Trois questions qui intéresseront les historiens

L’une des premières leçons qu’un étudiant en histoire apprendra est d’apprendre que l’histoire n’est pas une chose du passé. Cela va peut-être à l’encontre de notre intuition, car les deux termes sont souvent utilisés comme synonymes.

Alors qu’est-ce que l’histoire ? En bref, c’est un récit du passé dont nous parlons dans une perspective actuelle. Et même si le passé est immuable, l’histoire continue de changer, car du point de vue du présent, la signification des événements passés change. Ainsi, l’invasion russe de l’Ukraine ne change pas seulement le présent et l’avenir, elle change également notre vision du passé.

1. Était-il possible d’empêcher la guerre ?

Traditionnellement, la question la plus controversée en temps de guerre est de savoir qui en est responsable et si elle aurait pu être évitée.

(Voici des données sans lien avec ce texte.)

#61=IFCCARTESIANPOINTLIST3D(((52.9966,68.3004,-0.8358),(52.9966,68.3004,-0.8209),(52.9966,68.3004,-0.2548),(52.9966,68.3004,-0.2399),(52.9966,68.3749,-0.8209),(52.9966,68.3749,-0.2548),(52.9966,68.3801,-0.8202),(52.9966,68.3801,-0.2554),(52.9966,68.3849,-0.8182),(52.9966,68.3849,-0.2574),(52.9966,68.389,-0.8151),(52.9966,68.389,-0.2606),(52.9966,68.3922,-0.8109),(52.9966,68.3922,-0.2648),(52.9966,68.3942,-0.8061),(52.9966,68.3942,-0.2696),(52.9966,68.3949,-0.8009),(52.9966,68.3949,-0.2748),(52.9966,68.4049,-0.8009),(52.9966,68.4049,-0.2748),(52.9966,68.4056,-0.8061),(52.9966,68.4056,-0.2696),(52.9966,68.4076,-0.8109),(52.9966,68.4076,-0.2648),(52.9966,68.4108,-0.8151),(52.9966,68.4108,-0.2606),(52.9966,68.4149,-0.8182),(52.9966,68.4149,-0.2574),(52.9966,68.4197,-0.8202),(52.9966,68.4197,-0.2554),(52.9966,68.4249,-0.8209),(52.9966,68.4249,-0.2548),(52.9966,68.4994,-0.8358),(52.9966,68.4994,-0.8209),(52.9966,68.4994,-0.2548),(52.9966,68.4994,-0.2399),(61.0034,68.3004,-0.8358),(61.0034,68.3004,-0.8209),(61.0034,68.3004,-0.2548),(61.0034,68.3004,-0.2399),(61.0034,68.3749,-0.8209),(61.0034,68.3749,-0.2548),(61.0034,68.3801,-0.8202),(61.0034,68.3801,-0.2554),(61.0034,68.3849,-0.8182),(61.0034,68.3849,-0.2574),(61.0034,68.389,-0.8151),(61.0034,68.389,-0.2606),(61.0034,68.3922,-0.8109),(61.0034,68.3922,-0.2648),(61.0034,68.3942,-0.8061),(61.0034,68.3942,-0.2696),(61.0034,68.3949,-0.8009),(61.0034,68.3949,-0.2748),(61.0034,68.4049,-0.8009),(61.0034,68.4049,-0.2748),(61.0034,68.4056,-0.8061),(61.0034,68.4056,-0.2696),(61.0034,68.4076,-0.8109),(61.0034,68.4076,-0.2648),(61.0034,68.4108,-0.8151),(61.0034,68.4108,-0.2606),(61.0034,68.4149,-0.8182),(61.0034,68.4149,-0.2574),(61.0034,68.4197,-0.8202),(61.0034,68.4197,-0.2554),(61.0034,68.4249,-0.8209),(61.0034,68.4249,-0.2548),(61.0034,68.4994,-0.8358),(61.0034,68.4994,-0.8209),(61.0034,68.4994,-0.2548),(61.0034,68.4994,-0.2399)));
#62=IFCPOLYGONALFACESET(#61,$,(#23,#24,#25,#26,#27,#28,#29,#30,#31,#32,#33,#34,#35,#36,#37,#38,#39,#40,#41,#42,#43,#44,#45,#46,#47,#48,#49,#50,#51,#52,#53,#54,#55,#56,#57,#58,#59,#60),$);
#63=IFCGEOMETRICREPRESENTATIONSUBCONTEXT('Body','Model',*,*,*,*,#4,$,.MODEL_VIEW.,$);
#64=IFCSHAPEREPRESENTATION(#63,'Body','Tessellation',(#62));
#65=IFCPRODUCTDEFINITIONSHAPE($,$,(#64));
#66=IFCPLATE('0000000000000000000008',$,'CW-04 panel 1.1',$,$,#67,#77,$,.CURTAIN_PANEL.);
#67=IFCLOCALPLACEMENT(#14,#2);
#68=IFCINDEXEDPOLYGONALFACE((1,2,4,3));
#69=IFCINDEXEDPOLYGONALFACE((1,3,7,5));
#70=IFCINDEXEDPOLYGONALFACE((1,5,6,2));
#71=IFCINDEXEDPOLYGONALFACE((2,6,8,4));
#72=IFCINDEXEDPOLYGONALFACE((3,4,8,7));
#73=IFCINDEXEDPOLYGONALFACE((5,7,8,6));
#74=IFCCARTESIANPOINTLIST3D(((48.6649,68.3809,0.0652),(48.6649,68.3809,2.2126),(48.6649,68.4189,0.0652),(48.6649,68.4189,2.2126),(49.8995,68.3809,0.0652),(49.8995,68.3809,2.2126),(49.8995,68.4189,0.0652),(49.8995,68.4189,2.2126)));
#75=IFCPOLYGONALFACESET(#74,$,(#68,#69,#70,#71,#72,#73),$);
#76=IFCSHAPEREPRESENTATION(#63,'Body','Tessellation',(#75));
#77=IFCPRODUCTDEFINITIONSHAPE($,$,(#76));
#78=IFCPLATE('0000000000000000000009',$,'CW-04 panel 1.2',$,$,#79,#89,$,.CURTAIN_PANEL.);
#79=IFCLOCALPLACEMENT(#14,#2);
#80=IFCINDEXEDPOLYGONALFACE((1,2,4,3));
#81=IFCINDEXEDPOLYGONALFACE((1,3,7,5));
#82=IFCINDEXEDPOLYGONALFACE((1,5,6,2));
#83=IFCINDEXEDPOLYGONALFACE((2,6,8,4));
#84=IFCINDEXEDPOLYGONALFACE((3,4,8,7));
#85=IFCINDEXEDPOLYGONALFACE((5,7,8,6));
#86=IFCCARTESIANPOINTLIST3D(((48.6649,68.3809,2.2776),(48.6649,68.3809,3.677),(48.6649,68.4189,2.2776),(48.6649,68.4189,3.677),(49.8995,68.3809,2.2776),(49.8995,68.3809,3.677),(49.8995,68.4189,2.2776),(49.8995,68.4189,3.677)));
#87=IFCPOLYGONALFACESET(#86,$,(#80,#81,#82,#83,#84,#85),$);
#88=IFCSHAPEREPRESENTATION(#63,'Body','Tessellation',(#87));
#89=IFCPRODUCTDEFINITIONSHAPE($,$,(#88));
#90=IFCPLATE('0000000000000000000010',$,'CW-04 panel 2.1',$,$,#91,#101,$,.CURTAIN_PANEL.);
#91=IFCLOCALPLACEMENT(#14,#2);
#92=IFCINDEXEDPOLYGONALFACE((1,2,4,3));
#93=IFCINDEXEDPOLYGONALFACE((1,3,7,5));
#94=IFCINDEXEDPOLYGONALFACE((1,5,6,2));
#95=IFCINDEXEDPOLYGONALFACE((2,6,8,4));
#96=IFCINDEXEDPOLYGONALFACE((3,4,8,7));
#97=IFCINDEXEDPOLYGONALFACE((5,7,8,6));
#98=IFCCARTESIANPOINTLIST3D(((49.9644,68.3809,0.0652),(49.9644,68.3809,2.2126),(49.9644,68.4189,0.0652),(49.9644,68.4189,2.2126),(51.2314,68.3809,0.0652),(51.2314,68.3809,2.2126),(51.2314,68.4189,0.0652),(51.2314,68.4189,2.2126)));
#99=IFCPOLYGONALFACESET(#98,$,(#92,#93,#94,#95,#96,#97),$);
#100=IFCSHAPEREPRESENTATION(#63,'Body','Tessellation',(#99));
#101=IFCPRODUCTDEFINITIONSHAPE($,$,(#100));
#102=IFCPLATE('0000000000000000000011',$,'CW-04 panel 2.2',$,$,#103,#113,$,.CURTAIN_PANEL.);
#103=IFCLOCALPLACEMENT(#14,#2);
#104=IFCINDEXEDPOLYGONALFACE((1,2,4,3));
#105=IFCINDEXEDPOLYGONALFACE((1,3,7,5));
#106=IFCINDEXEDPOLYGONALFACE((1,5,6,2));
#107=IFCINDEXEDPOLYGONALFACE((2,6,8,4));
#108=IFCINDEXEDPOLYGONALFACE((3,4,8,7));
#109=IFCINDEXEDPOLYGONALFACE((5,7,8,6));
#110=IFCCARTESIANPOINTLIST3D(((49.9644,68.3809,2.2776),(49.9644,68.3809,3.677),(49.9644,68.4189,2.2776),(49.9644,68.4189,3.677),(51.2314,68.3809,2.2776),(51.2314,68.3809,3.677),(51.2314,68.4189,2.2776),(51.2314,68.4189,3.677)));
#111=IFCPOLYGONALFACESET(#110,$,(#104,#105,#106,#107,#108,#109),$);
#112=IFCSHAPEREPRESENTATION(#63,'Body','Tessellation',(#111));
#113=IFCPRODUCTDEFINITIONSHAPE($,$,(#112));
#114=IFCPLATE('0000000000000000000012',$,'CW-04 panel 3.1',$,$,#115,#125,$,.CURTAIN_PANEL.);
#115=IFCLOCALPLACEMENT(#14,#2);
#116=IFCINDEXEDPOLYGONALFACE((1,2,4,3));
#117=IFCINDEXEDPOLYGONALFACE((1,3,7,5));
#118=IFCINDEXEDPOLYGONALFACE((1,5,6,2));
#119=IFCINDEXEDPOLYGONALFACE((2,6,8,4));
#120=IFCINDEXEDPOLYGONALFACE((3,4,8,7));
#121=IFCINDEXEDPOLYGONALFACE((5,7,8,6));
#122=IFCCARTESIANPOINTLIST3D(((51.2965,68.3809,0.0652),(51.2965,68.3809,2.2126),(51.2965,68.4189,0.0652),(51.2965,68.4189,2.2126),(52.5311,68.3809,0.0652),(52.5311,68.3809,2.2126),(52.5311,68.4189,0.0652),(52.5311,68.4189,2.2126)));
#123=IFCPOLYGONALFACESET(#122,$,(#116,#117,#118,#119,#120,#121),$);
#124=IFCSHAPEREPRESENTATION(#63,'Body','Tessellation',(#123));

Dans le cas de la Première Guerre mondiale, cette question est encore très débattue et la liste des coupables potentiels est longue. La Serbie en raison de l’expansionnisme agressif dans les Balkans et du soutien au mouvement Jeune Bosnie (du point de vue des résistants ou des terroristes), l’Autriche-Hongrie en raison des revendications maximalistes dans l’ultimatum de Belgrade après l’assassinat, l’Allemagne en raison du soutien aveugle de l’allié autrichien  » chèque en blanc » de l’empereur Guillaume de Serbie, de la Russie et, en soutien de leur rejet des exigences autrichiennes, de la France, qui construit une alliance depuis des décennies pour faire respecter ses exigences irrédentistes.

Selon les mots de l’historien Christopher Clark, le débat sur qui est responsable de la guerre est aussi vieux que la guerre elle-même. Avant la Seconde Guerre mondiale, on l’appelait question de culpabilité de guerrec’est-à-dire la question de la culpabilité de la guerre, à laquelle les vainqueurs ont clairement répondu au détriment des vaincus, objet non seulement de débats d’universités et de salons, mais surtout de débats politiques et de propagande.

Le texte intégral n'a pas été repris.